L'impulsion principale du dépôt découle d'une récente apparition au Congrès du commentateur politique Ben Shapiro, qui a fait campagne devant la Chambre pour affirmer que le GARM, un collectif d'annonceurs qui travaillent ensemble pour lutter contre le contenu préjudiciable en ligne, en s'assurant qu'aucune publicité n'est placée à côté de celui-ci, s'entend également pour censurer certains discours, en imposant des restrictions sur tout ce que les membres du GARM n'aiment pas, au lieu de simplement gérer les risques.

Selon Shapiro:

« GARM agit comme un cartel. Ses membres représentent 90 % des dépenses publicitaires aux États-Unis, soit près d’un trillion de dollars. En d’autres termes, si vous ne recevez pas de fonds publicitaires de la part des membres de GARM, il est presque impossible de gérer une entreprise basée sur la publicité. Et si vous ne suivez pas leurs discours politiques préférés, votre marque ne sera pas considérée comme sûre. »

Shapiro affirme que les décisions de GARM visent à étouffer certains récits, à la demande de ses membres, qui voient souvent le discours conservateur, en particulier, ciblé et donc restreint pour la monétisation en éloignant les partenaires publicitaires potentiels des plateformes et des publications.

« GARM ne fixe pas de limite entre ce qui est criminel, abusif ou dangereux. Ses normes incluent également des restrictions sur les discours de haine, le harcèlement, la désinformation ou, ce que je préfère, le traitement insensible, irresponsable et préjudiciable de questions sociales controversées et sensibles. Ces critères sont très subjectifs en théorie et purement partisans en pratique.« 

Essentiellement, l’essence de l’affaire ici est que Le groupe GARM est en mesure d’influencer les dépenses publicitaires en dissuadant les annonceurs de lancer des campagnes sur les plateformes qu’il considère comme « dangereuses », en fonction de ses critères choisis. Ce qui, selon Shapiro et bien d’autres, est biaisé dans la pratique.

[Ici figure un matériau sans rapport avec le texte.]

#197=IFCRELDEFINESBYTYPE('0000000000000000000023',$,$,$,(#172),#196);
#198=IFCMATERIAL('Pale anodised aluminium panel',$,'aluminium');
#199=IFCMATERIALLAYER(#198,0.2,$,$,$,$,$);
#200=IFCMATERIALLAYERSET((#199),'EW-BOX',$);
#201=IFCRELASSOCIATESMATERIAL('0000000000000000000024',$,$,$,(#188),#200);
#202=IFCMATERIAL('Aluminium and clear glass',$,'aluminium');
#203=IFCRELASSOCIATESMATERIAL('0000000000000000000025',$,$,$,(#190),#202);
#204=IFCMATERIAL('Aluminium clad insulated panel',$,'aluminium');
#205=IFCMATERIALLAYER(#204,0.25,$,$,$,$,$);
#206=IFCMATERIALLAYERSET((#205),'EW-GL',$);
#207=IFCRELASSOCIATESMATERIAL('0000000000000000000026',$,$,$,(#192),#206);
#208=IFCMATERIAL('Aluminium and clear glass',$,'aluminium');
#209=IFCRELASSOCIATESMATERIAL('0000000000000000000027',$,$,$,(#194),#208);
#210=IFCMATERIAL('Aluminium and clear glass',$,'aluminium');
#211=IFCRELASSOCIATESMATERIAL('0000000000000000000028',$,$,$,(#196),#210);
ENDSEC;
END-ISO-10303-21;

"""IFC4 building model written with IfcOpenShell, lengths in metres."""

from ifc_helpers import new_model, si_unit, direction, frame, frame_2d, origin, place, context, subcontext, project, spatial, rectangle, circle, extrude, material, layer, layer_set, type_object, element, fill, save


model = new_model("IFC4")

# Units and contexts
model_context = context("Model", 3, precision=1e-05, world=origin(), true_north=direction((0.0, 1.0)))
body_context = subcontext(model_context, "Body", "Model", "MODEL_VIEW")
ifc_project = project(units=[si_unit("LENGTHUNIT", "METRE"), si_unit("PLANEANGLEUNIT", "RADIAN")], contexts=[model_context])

Et X utilise maintenant ceci comme base pour une contestation judiciaire :

« En tant que condition d'adhésion à GARM, les membres de GARM acceptent d'adopter, de mettre en œuvre et de faire respecter les normes de sécurité de la marque de GARM, notamment en refusant de diffuser de la publicité sur les plateformes de médias sociaux jugées par GARM comme non conformes aux normes de sécurité de la marque. Lorsque Elon Musk et d'autres investisseurs ont acquis Twitter en novembre 2022, les membres de GARM ont contacté GARM pour connaître « les points de vue de (GARM) sur la situation de Twitter et un éventuel boycott de la part de nombreuses entreprises (,) » et GARM a fait part à ses membres de ses inquiétudes quant à la conformité de Twitter aux normes de GARM, déclenchant le boycott massif des annonceurs qui a suivi. »

X affirme que les conséquences des conseils de GARM se font encore sentir au sein de l’entreprise, même si X respecte ou dépasse les réglementations spécifiées par GARM. Ainsi, il est suggéré que GARM conseille ses clients sur la base de raisons extérieures au champ d’application de son code de conduite et de son cadre de sécurité de la marque, et qu’elles sont davantage fondées, comme le prétend Shapiro, sur des motifs idéologiques.

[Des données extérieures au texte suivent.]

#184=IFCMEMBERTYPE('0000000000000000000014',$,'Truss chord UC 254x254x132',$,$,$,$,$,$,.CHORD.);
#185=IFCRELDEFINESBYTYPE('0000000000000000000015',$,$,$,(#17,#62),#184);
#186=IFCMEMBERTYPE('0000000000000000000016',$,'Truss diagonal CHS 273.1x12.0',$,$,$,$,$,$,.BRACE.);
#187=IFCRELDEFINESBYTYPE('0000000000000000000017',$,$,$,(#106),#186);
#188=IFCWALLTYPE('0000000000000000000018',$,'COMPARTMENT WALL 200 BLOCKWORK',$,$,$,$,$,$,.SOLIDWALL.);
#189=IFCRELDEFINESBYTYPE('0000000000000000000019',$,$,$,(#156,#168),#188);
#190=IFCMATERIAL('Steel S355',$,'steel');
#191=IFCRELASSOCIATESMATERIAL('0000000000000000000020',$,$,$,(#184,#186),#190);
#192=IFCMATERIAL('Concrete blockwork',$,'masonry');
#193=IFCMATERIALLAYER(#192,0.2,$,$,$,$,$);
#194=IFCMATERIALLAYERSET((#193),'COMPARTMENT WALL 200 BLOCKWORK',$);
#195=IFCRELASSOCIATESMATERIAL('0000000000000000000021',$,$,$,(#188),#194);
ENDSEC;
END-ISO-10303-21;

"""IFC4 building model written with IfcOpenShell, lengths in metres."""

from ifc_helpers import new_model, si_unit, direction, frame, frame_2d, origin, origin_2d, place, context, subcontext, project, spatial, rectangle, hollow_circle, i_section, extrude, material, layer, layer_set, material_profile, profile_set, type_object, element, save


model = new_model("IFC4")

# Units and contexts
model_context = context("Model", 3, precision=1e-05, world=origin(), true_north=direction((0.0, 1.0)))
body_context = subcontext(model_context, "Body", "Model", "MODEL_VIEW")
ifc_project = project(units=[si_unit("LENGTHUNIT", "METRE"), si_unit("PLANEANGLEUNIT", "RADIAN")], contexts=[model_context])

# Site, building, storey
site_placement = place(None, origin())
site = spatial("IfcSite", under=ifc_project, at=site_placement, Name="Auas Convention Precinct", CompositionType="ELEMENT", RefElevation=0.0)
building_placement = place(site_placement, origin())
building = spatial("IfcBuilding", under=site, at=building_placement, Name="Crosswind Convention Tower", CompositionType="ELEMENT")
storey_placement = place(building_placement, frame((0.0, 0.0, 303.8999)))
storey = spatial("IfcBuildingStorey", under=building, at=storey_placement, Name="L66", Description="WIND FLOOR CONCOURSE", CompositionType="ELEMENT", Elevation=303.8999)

C'est une affirmation de grande envergure, et elle sera difficile à plaider devant un tribunal, même s'il est important de préciser que X ne poursuit pas exactement des marques individuelles pour ne pas avoir fait de publicité sur X, en tant que tel (comme beaucoup l'ont suggéré), mais cible en fait le groupe de conseil de l'industrie au sens large, qui, selon lui, travaille contre lui.

En réalité, X tente d’établir une approche juridique pour répondre à une tentative perçue de censure de la parole.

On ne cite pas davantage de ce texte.